Box breathing is structured, which helps my brain. Inhale for four counts. Hold for four. Exhale for four. Hold for four. Repeat. The rhythm creates containment. It gives my thoughts something to anchor to. It keeps me from drifting into worry while I’m trying to calm myself down.
There’s something incredibly grounding about the predictability of it. Each side of the box holds you in place. Each breath becomes intentional instead of reactive.
When I practice box breathing, I can feel my body settle. My shoulders drop. My heartbeat steadies. My mind stops racing long enough for me to feel present.
It’s subtle, but it’s powerful.
Why Box Breathing Works (The Science Behind the Softness)
Box breathing isn’t just a calming trick. It has real, measurable effects on both physical and mental wellbeing.
From a physiological standpoint, box breathing activates the parasympathetic nervous system, the part of your body responsible for rest, digestion, and recovery. When you slow your breath and add intentional holds, you stimulate the vagus nerve, which helps lower heart rate, reduce blood pressure, and decrease cortisol levels. In simple terms, your body gets the message that it is safe.
Research has shown that controlled breathing patterns like box breathing can:
- Reduce symptoms of anxiety and stress
- Improve emotional regulation
- Increase focus and cognitive clarity
- Lower heart rate and stabilize blood pressure
- Improve resilience to stress over time
Mentally, the structure of box breathing matters just as much as the breath itself. Counting the inhale, hold, exhale, and hold gives the mind something concrete to focus on. This interrupts rumination and anxious thought loops, which is why box breathing is often taught to people in high-stress professions, including first responders and military personnel.
What I find most powerful about box breathing is that it works with the body, not against it. You’re not forcing calm. You’re creating the conditions for calm to emerge naturally. The body slows first. The mind follows.
That’s why this practice feels so soft to me. It’s not about controlling my emotions.
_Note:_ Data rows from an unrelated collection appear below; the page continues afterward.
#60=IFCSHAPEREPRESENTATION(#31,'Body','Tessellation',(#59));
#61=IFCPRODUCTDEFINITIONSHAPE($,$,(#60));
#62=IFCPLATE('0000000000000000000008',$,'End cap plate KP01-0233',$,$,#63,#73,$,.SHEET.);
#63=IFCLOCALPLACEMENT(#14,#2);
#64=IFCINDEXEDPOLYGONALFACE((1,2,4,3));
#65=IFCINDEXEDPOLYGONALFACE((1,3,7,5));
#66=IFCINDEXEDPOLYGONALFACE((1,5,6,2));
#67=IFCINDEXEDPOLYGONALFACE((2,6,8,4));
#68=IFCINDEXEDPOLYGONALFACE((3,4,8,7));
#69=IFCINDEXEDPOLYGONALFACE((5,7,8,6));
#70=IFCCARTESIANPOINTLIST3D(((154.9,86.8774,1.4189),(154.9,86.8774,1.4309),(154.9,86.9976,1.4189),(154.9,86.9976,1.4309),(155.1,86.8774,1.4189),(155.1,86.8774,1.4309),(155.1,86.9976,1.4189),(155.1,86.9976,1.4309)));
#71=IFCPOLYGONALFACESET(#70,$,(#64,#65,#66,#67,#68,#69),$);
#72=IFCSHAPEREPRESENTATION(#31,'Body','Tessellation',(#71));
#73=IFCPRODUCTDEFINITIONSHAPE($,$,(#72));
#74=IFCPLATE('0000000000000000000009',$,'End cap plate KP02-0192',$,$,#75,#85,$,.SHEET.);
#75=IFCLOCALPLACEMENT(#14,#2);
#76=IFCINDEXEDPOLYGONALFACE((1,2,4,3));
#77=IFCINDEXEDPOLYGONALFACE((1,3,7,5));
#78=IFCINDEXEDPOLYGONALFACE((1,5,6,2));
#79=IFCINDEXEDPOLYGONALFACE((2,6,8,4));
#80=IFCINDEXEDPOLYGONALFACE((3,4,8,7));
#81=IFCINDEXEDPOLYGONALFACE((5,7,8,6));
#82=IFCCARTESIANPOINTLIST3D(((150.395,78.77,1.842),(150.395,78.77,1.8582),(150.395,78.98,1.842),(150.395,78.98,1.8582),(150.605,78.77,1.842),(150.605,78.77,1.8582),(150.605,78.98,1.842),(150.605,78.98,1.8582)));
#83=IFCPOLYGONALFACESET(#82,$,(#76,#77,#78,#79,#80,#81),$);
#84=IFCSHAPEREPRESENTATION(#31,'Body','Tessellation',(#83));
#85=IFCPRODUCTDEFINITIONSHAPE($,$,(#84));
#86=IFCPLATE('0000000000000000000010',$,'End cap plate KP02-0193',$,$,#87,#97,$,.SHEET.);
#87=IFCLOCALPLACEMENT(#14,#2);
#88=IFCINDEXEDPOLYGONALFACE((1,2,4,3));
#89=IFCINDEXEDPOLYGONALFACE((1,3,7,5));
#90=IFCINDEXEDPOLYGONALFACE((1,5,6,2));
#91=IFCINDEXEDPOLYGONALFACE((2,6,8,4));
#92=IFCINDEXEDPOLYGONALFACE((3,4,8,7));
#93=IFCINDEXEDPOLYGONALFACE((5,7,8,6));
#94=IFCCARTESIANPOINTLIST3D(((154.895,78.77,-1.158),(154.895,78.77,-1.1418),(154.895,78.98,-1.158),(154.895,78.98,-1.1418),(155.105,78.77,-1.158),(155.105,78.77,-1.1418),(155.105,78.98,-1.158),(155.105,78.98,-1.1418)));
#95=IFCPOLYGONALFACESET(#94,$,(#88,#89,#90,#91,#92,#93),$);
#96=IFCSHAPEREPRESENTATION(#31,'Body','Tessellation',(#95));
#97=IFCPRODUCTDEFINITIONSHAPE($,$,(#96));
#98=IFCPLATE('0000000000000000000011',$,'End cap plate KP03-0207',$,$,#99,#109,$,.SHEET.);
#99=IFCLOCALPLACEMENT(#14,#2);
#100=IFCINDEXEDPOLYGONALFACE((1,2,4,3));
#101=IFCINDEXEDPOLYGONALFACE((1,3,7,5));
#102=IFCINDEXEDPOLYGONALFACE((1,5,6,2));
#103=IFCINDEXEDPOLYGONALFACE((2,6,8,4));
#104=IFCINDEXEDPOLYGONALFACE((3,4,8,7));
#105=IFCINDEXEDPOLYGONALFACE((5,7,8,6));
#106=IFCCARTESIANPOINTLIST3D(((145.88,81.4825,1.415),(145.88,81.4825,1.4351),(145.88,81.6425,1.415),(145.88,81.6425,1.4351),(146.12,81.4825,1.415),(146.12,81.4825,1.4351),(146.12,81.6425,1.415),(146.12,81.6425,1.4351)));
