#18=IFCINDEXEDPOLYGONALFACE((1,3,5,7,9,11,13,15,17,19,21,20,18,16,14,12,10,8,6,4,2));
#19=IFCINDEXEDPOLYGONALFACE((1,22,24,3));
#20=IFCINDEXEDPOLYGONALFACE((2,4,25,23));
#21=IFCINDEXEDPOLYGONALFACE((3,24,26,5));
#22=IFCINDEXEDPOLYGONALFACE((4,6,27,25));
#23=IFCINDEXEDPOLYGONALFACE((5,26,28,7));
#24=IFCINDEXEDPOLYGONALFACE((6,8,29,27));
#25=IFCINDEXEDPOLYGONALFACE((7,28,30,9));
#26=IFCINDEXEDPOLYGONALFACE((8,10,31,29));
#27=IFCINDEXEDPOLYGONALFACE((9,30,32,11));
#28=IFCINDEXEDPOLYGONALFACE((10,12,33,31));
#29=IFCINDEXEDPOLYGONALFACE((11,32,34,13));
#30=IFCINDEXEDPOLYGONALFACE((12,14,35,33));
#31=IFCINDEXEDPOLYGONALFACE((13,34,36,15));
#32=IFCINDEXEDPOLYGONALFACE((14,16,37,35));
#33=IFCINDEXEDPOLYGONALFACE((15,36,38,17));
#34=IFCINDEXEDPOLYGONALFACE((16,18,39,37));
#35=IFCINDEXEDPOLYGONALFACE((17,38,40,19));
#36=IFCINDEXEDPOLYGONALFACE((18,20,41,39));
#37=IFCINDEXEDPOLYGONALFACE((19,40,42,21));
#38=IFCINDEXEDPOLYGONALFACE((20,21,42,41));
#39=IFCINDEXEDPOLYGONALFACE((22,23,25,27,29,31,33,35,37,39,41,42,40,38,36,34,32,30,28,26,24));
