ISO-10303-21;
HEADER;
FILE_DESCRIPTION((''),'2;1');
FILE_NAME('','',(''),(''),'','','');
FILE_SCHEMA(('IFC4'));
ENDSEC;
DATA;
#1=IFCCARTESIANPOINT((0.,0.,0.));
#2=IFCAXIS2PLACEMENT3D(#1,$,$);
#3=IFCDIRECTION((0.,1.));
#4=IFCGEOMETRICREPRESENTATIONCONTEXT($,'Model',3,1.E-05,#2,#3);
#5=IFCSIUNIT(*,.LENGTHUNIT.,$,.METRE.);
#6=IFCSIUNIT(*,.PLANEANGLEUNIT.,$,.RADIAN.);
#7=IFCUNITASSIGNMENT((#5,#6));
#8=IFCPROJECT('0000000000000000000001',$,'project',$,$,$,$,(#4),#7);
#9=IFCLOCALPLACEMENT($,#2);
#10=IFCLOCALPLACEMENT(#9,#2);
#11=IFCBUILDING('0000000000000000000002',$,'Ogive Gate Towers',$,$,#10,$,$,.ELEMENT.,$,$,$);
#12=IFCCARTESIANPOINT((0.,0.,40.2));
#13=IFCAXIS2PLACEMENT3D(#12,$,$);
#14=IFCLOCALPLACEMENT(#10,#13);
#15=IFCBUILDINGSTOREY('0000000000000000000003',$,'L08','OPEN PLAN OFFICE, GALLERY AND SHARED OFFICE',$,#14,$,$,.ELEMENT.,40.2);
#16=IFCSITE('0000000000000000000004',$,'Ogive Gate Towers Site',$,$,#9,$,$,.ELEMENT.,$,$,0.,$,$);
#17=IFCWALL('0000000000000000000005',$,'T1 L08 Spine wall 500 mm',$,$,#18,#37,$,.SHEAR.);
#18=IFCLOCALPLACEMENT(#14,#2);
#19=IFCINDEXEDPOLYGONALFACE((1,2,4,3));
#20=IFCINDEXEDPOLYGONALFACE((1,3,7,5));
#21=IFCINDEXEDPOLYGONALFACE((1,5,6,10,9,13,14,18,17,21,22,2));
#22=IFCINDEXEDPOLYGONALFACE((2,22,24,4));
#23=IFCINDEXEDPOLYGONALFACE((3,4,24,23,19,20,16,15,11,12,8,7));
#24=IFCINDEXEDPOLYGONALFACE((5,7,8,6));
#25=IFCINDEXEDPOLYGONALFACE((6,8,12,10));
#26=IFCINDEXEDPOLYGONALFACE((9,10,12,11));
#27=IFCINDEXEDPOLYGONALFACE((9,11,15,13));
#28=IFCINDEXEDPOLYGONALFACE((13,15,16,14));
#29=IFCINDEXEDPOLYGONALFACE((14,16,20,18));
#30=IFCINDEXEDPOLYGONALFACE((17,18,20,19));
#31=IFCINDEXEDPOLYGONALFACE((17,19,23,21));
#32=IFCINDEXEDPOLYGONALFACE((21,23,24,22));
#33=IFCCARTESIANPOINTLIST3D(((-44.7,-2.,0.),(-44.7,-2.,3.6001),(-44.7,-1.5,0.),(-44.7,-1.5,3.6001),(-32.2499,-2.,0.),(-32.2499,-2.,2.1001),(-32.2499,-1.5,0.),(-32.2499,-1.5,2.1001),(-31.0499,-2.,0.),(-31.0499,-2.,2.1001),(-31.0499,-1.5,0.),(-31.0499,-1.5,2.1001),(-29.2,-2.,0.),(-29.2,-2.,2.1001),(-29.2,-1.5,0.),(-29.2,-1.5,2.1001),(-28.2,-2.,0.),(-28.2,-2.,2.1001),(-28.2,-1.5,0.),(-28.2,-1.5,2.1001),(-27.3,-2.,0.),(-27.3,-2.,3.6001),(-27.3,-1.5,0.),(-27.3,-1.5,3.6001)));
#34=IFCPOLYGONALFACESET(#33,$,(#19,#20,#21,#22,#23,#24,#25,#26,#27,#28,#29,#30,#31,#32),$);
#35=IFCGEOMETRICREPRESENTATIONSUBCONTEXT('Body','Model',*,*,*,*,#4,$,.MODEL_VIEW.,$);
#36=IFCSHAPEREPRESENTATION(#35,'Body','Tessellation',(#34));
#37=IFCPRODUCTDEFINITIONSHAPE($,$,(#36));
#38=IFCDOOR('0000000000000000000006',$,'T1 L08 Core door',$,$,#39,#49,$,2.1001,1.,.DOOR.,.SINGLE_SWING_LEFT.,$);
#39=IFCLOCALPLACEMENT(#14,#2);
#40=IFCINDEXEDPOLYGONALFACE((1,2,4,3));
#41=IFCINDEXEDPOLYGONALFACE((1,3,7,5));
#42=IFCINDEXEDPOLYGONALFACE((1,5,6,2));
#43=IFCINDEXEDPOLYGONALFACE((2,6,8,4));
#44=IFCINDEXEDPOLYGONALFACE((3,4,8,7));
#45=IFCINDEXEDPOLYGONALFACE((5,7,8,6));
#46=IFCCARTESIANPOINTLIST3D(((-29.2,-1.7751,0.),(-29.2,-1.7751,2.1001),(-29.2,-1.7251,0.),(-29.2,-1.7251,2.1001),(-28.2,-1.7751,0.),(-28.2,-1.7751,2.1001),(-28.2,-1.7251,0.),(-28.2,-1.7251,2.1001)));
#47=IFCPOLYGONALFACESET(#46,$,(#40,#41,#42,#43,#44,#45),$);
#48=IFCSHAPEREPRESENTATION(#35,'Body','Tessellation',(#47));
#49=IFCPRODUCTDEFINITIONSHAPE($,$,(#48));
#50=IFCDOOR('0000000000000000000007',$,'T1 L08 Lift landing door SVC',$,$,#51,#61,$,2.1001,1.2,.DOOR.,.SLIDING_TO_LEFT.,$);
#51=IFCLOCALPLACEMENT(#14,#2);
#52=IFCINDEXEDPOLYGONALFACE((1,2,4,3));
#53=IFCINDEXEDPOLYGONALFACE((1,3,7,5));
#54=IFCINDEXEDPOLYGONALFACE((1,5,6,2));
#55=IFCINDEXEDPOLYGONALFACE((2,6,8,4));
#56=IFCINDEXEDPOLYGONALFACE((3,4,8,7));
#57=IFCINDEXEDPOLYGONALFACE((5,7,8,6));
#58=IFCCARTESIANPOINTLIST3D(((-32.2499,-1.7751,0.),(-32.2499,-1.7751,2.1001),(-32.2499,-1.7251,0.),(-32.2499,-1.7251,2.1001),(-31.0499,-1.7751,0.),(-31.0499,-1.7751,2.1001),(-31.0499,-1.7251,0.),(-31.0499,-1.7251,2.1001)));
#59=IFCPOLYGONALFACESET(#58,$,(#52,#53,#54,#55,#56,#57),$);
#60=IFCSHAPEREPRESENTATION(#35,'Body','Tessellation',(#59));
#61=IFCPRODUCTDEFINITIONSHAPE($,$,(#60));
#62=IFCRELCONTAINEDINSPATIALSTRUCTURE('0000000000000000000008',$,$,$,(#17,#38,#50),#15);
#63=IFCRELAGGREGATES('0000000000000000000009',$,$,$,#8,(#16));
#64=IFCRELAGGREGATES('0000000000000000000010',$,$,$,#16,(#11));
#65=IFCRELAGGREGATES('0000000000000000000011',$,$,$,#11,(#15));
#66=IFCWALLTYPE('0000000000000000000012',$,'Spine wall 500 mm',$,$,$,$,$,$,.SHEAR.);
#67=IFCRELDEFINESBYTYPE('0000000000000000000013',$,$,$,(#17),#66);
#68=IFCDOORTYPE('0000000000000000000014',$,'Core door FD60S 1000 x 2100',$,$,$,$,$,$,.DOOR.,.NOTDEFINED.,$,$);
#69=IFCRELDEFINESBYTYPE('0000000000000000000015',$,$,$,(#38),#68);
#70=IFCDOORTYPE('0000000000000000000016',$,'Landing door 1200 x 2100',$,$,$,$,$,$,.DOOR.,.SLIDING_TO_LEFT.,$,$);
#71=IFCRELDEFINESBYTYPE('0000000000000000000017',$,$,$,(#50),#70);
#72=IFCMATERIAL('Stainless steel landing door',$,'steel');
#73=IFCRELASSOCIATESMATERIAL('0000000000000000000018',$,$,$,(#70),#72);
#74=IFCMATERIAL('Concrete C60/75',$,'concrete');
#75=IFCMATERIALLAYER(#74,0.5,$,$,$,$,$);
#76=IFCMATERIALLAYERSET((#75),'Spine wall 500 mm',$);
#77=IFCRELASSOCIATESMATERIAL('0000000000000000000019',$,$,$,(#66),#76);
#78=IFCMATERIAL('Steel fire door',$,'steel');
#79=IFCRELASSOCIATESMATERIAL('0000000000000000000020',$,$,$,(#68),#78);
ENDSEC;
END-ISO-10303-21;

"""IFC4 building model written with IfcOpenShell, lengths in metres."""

from ifc_helpers import new_model, si_unit, direction, frame, frame_2d, origin, place, context, subcontext, project, spatial, rectangle, extrude, material, layer, layer_set, type_object, element, fill, save


model = new_model("IFC4")

# Units and contexts
model_context = context("Model", 3, precision=1e-05, world=origin(), true_north=direction((0.0, 1.0)))
body_context = subcontext(model_context, "Body", "Model", "MODEL_VIEW")
ifc_project = project(units=[si_unit("LENGTHUNIT", "METRE"), si_unit("PLANEANGLEUNIT", "RADIAN")], contexts=[model_context])

# Site, building, storey
site_placement = place(None, origin())
site = spatial("IfcSite", under=ifc_project, at=site_placement, Name="Ogive Gate Towers Site", CompositionType="ELEMENT", RefElevation=0.0)
building_placement = place(site_placement, origin())
building = spatial("IfcBuilding", under=site, at=building_placement, Name="Ogive Gate Towers", CompositionType="ELEMENT")
storey_placement = place(building_placement, frame((0.0, 0.0, 40.2)))
storey = spatial("IfcBuildingStorey", under=building, at=storey_placement, Name="L08", Description="OPEN PLAN OFFICE, GALLERY AND SHARED OFFICE", CompositionType="ELEMENT", Elevation=40.2)

# Shared definitions
ifc_material_1 = material(Name="Concrete C60/75", Category="concrete")
ifc_material_2 = material(Name="Steel fire door", Category="steel")

# Shared definitions
ifc_material_3 = material(Name="Stainless steel landing door", Category="steel")
door_type_1 = type_object("IfcDoorType", Name="Landing door 1200 x 2100", OperationType="SLIDING_TO_LEFT", PredefinedType="DOOR", material=ifc_material_3)

# Wall, openings, doors
ifc_layer_1 = layer(ifc_material_1, 0.5)
ifc_layer_set_1 = layer_set([ifc_layer_1], Name="Spine wall 500 mm")
wall_type_1 = type_object("IfcWallType", Name="Spine wall 500 mm", PredefinedType="SHEAR", material=ifc_layer_set_1)
wall_1_placement = place(storey_placement, frame((-44.7, -1.75, 0.0), z_axis=(0.0, 0.0, 1.0), x_axis=(1.0, 0.0, 0.0)))
wall_1 = element("IfcWall", 1, at=wall_1_placement, inside=storey, type_object=wall_type_1, Name="T1 L08 Spine wall 500 mm", PredefinedType="SHEAR", context=body_context, shape_type="SweptSolid", body=[
    extrude(rectangle(XDim=17.3999, YDim=0.5, at=frame_2d((8.7, 0.0))), origin(), (0.0, 0.0, 1.0), 3.6001),
])
opening_1_placement = place(wall_1_placement, frame((12.45, 0.0, 0.0)))
opening_1 = element("IfcOpeningElement", 2, at=opening_1_placement, cuts=wall_1, PredefinedType="OPENING", context=body_context, shape_type="SweptSolid", body=[
    extrude(rectangle(XDim=1.2, YDim=2.1001, at=frame_2d((0.6001, 1.05))), frame((0.0, 0.26, 0.0), z_axis=(0.0, -1.0, 0.0), x_axis=(1.0, 0.0, 0.0)), (0.0, 0.0, 1.0), 0.52),
])
opening_2_placement = place(wall_1_placement, frame((15.5, 0.0, 0.0)))
opening_2 = element("IfcOpeningElement", 3, at=opening_2_placement, cuts=wall_1, PredefinedType="OPENING", context=body_context, shape_type="SweptSolid", body=[
    extrude(rectangle(XDim=1.0, YDim=2.1001, at=frame_2d((0.5, 1.05))), frame((0.0, 0.26, 0.0), z_axis=(0.0, -1.0, 0.0), x_axis=(1.0, 0.0, 0.0)), (0.0, 0.0, 1.0), 0.52),
])
door_type_2 = type_object("IfcDoorType", Name="Core door FD60S 1000 x 2100", OperationType="NOTDEFINED", PredefinedType="DOOR", material=ifc_material_2)
door_1_placement = place(opening_2_placement, origin())
door_1 = element("IfcDoor", 4, at=door_1_placement, inside=storey, type_object=door_type_2, Name="T1 L08 Core door", OperationType="SINGLE_SWING_LEFT", OverallHeight=2.1001, OverallWidth=1.0, PredefinedType="DOOR", context=body_context, shape_type="SweptSolid", body=[
    extrude(rectangle(XDim=1.0, YDim=2.1001, at=frame_2d((0.5, 1.05))), frame((0.0, 0.0249, 0.0), z_axis=(0.0, -1.0, 0.0), x_axis=(1.0, 0.0, 0.0)), (0.0, 0.0, 1.0), 0.05),
])
fill(opening_2, door_1)
door_2_placement = place(opening_1_placement, origin())
door_2 = element("IfcDoor", 5, at=door_2_placement, inside=storey, type_object=door_type_1, Name="T1 L08 Lift landing door SVC", OperationType="SLIDING_TO_LEFT", OverallHeight=2.1001, OverallWidth=1.2, PredefinedType="DOOR", context=body_context, shape_type="SweptSolid", body=[
    extrude(rectangle(XDim=1.2, YDim=2.1001, at=frame_2d((0.6001, 1.05))), frame((0.0, 0.0249, 0.0), z_axis=(0.0, -1.0, 0.0), x_axis=(1.0, 0.0, 0.0)), (0.0, 0.0, 1.0), 0.05),
])
fill(opening_1, door_2)

save(model, "model.ifc")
It’s about supporting my nervous system so my emotions don’t have to scream to be heard.
A Practice, Not a Perfection
I want to be clear about something: I’m not perfect at this. I fall off. I forget. I go days without practicing and then wonder why I feel so dysregulated. Life gets busy, and old habits sneak back in.
But breathing is the one self-care practice I always return to.
Because it’s accessible.
Because it doesn’t require tools or space or money.
Because it meets me exactly where I am.
Breathing reminds me that softness doesn’t have to be elaborate. Sometimes softness is a pause. Sometimes it’s a few intentional inhales. Sometimes it’s choosing to regulate instead of react.
This practice has taught me that peace doesn’t always arrive as a feeling. Sometimes it arrives as a physiological shift. A calmer heartbeat. A slower breath. A nervous system that finally believes it can rest.
And for me, that is the softest kind of care.